The problem is when the prototype becomes the product and nobody ever circles back to ask whether it should exist. When building becomes a substitute for thinking, not an aid to it.

So the next time you’re about to start building, it’s worth pausing on a few things. Is this a real problem? Does someone actually care about it? How are they solving it today, and does your idea make their life easier, or just yours? And is the delivery mechanism — whether that’s an app, a UI, a script, or an API — dictated by the problem, or by what’s newly exciting to build? Are you optimising the 5% of the task, or the 80%? Where’s the actual return on value?

Tahir Fayyaz, a Staff PM at Databricks, described this evolution well in a recent interview with Bilal Aslam. A year ago, he said, he was just chatting to ChatGPT and telling it to do stuff, and ended up with a huge chat and no results. Now he starts by asking two questions: “What kind of work am I doing that’s repetitive?” and “What’s the work I’ve done before that’s the gold standard of what an LLM should replicate?” He knows what the output should look like before he starts building. That’s product thinking applied to AI tooling, not the other way around.

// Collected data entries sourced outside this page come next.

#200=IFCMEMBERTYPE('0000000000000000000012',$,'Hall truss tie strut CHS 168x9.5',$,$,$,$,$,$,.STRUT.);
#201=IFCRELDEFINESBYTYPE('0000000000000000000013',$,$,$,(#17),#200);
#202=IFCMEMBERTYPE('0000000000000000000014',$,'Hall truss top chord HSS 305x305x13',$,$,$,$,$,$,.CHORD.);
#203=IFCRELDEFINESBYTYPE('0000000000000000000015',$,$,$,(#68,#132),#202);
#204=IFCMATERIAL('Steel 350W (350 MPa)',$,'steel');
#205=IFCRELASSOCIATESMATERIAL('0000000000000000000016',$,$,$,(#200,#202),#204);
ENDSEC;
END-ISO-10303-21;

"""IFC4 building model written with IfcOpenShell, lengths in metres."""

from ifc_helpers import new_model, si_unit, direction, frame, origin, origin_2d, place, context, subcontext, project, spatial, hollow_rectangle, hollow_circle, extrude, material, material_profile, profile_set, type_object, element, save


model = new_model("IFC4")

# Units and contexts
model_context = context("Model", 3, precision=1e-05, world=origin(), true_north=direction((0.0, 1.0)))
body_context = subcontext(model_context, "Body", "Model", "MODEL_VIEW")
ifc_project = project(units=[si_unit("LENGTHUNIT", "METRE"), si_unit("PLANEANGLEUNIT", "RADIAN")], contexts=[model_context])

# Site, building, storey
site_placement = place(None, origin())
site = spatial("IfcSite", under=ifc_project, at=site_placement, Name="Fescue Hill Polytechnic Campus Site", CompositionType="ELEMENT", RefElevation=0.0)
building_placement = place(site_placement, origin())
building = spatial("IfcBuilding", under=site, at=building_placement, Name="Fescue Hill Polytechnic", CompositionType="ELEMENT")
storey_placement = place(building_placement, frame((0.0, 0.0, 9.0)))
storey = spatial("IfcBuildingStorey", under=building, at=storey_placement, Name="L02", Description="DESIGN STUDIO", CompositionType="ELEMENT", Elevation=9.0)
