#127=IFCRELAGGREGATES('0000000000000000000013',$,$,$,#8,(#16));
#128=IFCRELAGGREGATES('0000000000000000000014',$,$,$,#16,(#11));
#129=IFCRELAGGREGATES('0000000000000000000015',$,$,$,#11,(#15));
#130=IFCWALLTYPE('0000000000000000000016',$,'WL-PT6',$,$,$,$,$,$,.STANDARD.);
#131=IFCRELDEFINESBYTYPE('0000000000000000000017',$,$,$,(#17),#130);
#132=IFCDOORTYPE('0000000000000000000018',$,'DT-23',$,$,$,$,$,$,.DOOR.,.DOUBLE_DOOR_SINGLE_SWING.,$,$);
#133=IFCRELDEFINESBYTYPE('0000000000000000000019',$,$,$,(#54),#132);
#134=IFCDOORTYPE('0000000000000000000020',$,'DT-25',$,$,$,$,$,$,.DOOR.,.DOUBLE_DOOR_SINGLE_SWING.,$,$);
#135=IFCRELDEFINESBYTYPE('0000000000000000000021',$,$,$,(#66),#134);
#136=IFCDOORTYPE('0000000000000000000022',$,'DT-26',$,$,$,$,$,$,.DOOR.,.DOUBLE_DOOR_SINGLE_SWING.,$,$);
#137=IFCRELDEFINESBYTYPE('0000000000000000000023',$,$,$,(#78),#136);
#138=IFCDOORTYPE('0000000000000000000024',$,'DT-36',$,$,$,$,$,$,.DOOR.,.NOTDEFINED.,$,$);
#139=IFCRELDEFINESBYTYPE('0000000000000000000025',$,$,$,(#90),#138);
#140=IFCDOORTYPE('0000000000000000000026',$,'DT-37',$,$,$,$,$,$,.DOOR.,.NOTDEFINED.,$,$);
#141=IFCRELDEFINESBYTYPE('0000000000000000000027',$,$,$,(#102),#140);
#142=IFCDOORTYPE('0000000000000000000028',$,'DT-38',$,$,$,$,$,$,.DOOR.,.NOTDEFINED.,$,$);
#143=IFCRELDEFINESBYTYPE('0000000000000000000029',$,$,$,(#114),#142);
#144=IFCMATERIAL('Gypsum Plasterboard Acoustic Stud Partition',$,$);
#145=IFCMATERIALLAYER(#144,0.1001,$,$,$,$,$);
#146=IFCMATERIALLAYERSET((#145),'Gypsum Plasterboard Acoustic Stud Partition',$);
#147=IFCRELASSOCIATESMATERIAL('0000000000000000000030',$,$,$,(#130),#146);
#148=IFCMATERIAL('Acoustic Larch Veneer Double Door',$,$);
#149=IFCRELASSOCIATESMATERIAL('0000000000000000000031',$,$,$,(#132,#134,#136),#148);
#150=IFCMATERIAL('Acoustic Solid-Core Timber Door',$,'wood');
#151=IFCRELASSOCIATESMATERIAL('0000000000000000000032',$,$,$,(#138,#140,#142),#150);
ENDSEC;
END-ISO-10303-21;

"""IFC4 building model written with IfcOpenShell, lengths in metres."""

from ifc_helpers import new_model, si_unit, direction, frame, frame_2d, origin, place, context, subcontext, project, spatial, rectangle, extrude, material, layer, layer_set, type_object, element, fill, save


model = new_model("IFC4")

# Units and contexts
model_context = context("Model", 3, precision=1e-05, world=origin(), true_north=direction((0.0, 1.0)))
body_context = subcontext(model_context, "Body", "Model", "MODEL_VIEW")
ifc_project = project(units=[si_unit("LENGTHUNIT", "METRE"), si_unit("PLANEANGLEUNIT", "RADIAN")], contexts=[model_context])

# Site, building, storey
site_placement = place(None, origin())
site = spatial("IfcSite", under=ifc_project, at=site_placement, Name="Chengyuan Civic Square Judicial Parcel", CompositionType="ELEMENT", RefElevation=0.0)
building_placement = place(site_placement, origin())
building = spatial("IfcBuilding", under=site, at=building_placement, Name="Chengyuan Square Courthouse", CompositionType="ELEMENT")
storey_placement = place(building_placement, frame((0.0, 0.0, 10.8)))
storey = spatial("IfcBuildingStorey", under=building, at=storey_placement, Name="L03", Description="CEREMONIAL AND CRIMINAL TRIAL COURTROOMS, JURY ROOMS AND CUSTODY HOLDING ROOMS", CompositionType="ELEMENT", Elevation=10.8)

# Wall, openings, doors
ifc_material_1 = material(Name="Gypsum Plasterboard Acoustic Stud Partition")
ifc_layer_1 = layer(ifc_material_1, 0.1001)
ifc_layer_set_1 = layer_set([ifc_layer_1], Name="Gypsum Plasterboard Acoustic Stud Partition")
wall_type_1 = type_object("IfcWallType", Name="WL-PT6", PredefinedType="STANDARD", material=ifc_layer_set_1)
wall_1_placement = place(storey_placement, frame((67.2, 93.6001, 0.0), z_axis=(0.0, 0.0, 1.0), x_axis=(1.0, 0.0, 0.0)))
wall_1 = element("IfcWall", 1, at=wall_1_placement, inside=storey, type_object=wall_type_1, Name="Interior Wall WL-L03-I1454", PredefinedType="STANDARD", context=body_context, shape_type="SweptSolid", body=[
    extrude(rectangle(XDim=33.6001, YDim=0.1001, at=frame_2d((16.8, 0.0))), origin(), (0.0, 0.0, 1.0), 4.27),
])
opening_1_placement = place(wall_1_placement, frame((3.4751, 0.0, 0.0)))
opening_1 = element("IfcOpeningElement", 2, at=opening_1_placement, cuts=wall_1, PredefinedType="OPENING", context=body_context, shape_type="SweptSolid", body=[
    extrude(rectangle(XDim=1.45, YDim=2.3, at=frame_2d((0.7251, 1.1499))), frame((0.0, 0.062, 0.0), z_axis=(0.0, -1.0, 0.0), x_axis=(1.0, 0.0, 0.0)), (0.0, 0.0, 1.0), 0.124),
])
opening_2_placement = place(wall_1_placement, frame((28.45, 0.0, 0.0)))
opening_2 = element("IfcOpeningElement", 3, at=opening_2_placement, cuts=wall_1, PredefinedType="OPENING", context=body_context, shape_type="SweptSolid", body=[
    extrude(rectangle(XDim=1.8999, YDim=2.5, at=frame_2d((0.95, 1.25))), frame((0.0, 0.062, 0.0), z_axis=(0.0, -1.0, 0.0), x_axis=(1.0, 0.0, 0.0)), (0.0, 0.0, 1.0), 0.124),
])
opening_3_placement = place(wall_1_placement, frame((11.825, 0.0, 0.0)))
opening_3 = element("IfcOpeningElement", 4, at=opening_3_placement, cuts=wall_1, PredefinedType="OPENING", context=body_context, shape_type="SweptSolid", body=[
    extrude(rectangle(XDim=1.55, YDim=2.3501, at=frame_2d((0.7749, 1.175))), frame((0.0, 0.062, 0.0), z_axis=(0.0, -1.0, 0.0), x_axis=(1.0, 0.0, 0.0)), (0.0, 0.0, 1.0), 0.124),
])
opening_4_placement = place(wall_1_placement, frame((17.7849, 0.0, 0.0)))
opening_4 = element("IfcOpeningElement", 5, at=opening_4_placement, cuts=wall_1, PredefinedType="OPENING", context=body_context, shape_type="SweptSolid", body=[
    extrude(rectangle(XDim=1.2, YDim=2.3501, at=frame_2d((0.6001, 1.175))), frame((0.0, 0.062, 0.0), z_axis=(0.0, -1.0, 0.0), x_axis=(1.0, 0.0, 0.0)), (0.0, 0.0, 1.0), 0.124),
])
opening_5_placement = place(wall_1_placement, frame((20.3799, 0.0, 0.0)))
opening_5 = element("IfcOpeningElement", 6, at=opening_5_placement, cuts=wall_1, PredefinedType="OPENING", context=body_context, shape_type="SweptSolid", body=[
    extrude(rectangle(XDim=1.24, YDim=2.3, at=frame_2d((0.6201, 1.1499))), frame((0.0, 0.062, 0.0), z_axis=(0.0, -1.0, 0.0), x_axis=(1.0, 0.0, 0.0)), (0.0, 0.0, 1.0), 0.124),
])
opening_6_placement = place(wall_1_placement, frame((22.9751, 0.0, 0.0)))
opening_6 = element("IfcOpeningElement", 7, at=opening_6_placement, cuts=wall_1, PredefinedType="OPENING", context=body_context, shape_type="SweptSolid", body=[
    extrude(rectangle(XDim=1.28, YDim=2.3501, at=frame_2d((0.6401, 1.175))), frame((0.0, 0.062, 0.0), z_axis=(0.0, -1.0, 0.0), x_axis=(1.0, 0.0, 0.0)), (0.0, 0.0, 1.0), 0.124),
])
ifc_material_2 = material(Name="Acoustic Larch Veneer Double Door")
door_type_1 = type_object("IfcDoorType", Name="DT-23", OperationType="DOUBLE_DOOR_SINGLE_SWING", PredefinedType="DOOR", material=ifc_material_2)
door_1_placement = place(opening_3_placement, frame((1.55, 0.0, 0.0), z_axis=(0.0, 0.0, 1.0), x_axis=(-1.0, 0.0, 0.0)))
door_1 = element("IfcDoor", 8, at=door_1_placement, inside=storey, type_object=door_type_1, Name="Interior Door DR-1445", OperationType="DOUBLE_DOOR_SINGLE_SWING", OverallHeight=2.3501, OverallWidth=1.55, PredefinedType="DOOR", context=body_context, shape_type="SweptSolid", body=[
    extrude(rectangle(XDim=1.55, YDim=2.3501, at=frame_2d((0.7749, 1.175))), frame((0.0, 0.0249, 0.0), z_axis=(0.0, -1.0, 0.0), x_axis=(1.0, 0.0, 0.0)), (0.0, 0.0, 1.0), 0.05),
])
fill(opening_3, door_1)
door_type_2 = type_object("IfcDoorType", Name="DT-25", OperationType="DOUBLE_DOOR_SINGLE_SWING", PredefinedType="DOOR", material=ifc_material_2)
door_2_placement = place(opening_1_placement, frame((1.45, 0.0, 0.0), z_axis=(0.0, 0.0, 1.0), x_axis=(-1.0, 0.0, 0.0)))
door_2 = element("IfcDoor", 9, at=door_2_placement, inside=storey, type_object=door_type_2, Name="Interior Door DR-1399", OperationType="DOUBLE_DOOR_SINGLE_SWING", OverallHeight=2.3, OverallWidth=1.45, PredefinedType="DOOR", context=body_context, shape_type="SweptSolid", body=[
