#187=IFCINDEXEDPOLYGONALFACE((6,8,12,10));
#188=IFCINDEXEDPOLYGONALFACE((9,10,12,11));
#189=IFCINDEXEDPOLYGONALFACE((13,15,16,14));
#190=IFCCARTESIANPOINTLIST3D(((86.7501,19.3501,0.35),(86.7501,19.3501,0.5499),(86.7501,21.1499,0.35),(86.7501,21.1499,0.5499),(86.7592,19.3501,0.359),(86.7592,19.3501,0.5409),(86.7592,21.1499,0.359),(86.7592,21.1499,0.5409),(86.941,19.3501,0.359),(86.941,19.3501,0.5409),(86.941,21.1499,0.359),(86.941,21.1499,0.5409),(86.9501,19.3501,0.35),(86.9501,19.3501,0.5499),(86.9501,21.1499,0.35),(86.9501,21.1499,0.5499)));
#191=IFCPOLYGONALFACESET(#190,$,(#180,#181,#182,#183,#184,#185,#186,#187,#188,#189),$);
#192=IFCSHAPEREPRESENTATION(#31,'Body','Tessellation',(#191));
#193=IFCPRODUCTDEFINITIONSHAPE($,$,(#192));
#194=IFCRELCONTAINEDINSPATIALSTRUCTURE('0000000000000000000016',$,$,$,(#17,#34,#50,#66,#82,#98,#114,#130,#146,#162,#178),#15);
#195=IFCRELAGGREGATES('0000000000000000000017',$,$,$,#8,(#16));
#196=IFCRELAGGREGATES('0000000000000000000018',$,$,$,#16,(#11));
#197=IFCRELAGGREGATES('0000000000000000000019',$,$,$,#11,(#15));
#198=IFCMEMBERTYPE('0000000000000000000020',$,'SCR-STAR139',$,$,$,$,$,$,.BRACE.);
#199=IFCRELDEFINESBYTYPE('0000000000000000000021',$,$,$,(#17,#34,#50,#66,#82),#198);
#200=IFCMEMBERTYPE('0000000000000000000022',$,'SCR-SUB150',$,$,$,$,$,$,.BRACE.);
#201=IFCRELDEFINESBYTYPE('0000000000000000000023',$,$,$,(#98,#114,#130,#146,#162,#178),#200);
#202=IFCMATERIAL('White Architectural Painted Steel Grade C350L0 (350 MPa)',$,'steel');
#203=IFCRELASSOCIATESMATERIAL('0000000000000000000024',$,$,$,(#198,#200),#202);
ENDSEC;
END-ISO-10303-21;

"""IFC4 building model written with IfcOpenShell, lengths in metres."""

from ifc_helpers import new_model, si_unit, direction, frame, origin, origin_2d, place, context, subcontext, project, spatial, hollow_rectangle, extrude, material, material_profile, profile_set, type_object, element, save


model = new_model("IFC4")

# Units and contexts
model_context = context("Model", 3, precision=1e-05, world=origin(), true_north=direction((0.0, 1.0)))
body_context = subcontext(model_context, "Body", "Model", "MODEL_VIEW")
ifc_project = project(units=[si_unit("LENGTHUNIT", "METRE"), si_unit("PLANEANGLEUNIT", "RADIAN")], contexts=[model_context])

The skill that’s in short supply right now isn’t the ability to build. It’s the ability to evaluate. The hard part was always the thinking, not the typing.

If any of this resonates, The Mom Test by Rob Fitzpatrick is well worth a read. It was written for startup founders, but the principles apply to anyone building something for other people. Talk about their life instead of your idea. Ask about specifics in the past instead of generics about the future. Talk less and listen more.